We read the text tsv files.
MaxQuant gives peptide position in the protein.
However, we will recalculate it with respect to the bovin BLG (when it is among the matched proteins)

In [None]:
mq_runs = ['mq_ns_db1', 'mq_ns_db2', 'mq_st_db1', 'mq_st_db2', 'mq_t_db1', 'mq_t_db2']

mq_results_folder = os.path.join(project,'benchmark_results/maxquant')

In [None]:
mq_psm_data = []

for mq in mq_runs:
    print(f'Collecting run {mq} ... ', end='')

    dbn = benchmark_table.loc[benchmark_table['Run_id'] == mq, 'DB'].values[0]
    fdb = fasta_db[dbn]

    mq_scans = pd.read_csv(os.path.join(mq_results_folder, mq, 'txt/msmsScans.txt'), sep='\t')
    mq_msms = pd.read_csv(os.path.join(mq_results_folder, mq, 'txt/msms.txt'), sep='\t')
    mq_msms = mq_msms[['id', 'Peptide ID', 'Mass error [Da]']]
    mq_peps = pd.read_csv(os.path.join(mq_results_folder, mq, 'txt/peptides.txt'), sep='\t')
    mq_peps = mq_peps[['Start position', 'End position', 'id']]
    # Change reverse column, to True or False

    mq_scans.loc[mq_scans['Reverse'] == '+', 'Reverse'] = True
    mq_scans.loc[mq_scans['Reverse'].isna(), 'Reverse'] = False

    mq_scans = pepxml.qvalues(mq_scans, key='PEP', reverse=False, correction=0,
                              is_decoy='Reverse', full_output=True)

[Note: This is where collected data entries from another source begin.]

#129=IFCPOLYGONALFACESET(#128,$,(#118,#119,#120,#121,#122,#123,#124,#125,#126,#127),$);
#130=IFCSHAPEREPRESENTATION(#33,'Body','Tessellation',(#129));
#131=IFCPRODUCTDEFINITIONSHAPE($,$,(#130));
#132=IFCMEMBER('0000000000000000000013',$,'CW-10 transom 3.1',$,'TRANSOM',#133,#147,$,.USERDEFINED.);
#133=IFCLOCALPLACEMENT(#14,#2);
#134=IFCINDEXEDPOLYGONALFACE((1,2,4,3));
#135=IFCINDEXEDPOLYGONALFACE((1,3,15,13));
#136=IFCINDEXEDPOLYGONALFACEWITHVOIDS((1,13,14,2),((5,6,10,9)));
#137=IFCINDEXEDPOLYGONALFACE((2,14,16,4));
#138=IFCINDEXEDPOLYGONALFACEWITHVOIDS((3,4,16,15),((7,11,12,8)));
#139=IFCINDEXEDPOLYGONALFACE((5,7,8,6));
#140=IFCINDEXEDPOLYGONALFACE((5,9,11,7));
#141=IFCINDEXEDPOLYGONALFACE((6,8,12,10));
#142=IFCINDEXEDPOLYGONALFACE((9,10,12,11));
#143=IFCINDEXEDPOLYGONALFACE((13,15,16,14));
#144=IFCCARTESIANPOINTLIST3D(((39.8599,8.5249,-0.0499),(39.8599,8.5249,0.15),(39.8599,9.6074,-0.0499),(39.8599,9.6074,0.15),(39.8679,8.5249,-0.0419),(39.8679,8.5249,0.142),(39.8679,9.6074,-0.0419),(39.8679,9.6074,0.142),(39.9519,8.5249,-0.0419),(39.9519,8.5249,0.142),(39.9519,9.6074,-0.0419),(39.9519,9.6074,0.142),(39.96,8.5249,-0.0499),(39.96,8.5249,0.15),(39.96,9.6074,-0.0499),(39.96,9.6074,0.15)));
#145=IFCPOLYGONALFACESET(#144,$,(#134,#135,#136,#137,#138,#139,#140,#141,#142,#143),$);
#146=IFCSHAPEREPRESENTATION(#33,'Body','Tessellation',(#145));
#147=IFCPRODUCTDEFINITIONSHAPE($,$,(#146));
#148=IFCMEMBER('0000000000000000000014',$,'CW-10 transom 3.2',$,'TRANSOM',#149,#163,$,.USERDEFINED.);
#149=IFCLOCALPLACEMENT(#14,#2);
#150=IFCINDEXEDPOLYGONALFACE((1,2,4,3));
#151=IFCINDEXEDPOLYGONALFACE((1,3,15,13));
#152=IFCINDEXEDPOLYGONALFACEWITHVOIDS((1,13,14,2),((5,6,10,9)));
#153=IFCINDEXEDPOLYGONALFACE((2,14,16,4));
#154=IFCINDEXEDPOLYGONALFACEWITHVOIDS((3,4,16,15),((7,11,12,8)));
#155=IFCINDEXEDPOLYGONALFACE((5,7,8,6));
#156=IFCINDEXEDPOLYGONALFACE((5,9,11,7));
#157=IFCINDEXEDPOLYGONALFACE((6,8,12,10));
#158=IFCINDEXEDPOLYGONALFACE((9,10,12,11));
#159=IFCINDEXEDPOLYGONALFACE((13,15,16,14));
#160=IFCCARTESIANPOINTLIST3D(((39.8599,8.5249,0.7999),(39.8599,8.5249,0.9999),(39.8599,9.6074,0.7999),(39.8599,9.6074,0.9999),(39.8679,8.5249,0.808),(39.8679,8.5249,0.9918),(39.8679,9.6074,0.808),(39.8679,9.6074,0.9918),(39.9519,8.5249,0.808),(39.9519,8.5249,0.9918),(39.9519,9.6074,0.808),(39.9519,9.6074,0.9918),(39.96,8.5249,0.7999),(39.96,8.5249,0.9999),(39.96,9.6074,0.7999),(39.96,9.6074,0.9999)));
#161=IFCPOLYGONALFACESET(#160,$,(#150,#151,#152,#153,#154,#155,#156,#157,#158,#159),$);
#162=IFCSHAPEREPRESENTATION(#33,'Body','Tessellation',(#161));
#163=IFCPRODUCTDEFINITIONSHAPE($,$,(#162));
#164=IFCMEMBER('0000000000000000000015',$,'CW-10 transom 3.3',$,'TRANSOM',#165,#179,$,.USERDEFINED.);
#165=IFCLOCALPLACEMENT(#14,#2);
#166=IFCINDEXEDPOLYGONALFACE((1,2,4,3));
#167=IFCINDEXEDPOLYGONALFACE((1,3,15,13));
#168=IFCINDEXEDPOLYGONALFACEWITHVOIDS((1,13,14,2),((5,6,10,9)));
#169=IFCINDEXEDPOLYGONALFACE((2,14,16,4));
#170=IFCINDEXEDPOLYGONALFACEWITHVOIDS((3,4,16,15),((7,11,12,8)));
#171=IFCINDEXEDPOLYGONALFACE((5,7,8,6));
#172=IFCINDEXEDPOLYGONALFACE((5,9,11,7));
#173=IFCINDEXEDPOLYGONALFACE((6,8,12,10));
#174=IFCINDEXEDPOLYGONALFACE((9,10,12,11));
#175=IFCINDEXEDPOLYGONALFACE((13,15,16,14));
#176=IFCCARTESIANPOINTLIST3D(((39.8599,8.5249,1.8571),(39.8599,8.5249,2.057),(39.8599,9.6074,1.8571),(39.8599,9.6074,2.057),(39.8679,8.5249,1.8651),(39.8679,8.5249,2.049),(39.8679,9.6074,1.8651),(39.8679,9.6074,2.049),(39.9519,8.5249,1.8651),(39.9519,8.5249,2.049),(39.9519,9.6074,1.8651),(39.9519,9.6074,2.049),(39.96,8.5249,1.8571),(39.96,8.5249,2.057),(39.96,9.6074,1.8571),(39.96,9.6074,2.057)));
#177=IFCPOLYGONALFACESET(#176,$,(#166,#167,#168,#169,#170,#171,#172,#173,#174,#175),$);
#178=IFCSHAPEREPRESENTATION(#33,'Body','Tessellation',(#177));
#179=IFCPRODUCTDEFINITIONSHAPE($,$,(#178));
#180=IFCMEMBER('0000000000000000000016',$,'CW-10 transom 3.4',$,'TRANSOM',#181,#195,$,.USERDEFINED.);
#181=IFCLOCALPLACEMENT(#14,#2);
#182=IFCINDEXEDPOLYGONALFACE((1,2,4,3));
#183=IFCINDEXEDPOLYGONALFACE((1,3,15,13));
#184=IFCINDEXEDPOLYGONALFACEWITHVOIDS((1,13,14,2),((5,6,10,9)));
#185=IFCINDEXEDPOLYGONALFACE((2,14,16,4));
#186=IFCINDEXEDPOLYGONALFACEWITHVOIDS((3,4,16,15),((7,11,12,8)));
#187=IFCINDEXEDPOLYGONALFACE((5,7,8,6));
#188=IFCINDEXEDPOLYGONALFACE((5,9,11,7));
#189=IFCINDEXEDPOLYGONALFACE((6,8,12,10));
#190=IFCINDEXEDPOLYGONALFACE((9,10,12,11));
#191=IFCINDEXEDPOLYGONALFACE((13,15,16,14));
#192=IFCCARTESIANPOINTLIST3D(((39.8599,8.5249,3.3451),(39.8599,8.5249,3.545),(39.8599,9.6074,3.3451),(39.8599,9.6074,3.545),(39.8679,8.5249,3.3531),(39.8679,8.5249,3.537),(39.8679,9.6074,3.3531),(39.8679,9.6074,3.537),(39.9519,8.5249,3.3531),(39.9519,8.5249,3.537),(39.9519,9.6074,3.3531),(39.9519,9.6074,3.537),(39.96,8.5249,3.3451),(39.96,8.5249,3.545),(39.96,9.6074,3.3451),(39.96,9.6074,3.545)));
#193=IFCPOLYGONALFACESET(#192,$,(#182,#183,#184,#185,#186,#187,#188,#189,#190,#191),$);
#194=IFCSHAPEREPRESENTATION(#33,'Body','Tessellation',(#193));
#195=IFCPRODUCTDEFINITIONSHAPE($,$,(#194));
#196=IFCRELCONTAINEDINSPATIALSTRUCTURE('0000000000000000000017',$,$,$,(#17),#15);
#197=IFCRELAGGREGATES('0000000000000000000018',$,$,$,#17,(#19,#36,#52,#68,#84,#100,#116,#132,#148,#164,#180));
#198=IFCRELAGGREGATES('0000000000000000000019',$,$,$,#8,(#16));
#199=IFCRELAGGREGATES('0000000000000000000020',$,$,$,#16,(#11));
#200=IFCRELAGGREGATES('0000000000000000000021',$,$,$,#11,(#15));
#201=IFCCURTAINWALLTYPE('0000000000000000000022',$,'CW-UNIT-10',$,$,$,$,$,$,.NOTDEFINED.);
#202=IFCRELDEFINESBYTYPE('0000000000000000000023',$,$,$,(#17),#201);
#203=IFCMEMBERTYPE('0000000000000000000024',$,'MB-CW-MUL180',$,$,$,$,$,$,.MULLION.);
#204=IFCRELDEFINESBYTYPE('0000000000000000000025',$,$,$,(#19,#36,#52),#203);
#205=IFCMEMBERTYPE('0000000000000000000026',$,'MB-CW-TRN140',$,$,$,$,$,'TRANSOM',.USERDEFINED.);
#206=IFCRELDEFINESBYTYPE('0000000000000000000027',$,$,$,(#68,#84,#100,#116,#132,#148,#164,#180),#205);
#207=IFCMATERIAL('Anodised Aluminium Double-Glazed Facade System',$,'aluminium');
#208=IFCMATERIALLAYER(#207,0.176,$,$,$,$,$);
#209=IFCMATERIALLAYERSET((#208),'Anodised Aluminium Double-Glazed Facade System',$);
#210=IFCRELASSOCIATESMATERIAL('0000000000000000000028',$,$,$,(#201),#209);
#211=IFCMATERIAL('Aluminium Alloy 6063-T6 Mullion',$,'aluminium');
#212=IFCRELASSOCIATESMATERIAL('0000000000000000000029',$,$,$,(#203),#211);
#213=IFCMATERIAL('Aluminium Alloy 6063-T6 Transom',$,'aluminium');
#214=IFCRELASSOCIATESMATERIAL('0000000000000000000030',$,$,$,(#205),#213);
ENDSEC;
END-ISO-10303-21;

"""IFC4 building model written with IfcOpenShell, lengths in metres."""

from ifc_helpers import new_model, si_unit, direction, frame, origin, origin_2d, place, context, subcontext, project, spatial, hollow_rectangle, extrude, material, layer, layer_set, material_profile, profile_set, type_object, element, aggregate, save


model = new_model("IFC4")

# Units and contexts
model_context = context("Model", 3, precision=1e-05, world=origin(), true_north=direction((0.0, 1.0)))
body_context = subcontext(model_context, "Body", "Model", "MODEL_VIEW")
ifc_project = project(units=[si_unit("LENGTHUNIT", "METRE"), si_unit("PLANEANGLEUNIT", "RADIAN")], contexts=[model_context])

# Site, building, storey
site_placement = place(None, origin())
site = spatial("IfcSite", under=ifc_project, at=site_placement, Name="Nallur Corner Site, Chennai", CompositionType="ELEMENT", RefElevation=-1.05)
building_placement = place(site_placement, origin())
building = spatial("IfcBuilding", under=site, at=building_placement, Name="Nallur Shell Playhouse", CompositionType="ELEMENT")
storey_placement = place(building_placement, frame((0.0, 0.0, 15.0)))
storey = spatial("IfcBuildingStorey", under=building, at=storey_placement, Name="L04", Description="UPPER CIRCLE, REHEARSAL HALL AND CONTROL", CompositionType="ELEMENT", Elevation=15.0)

    mq_scans = pd.merge(mq_scans, mq_msms, how='left', left_on='MS/MS IDs', right_on='id')

    mq_scans = pd.merge(mq_scans, mq_peps, how='left', left_on='Peptide ID', right_on='id')

    mq_scans[['prot_id', 'start', 'end']] = (
        mq_scans[['Sequence', 'Proteins']]
        .apply(lambda x: get_prot_info(x['Sequence'], x['Proteins'].split(';'),
                                       bovin_lacb, other_lacb, fdb, field=''),
               axis=1, result_type='expand')
    )

    mq_scans['Run_id'] = mq
    mq_scans = mq_scans[[
        'Run_id', 'Raw file', 'Sequence', 'Scan number', 'Reverse',
        'start', 'end', 'q', 'prot_id', 'Retention time', 'Mass', 'Mass error [Da]', 'PEP', 'Score']]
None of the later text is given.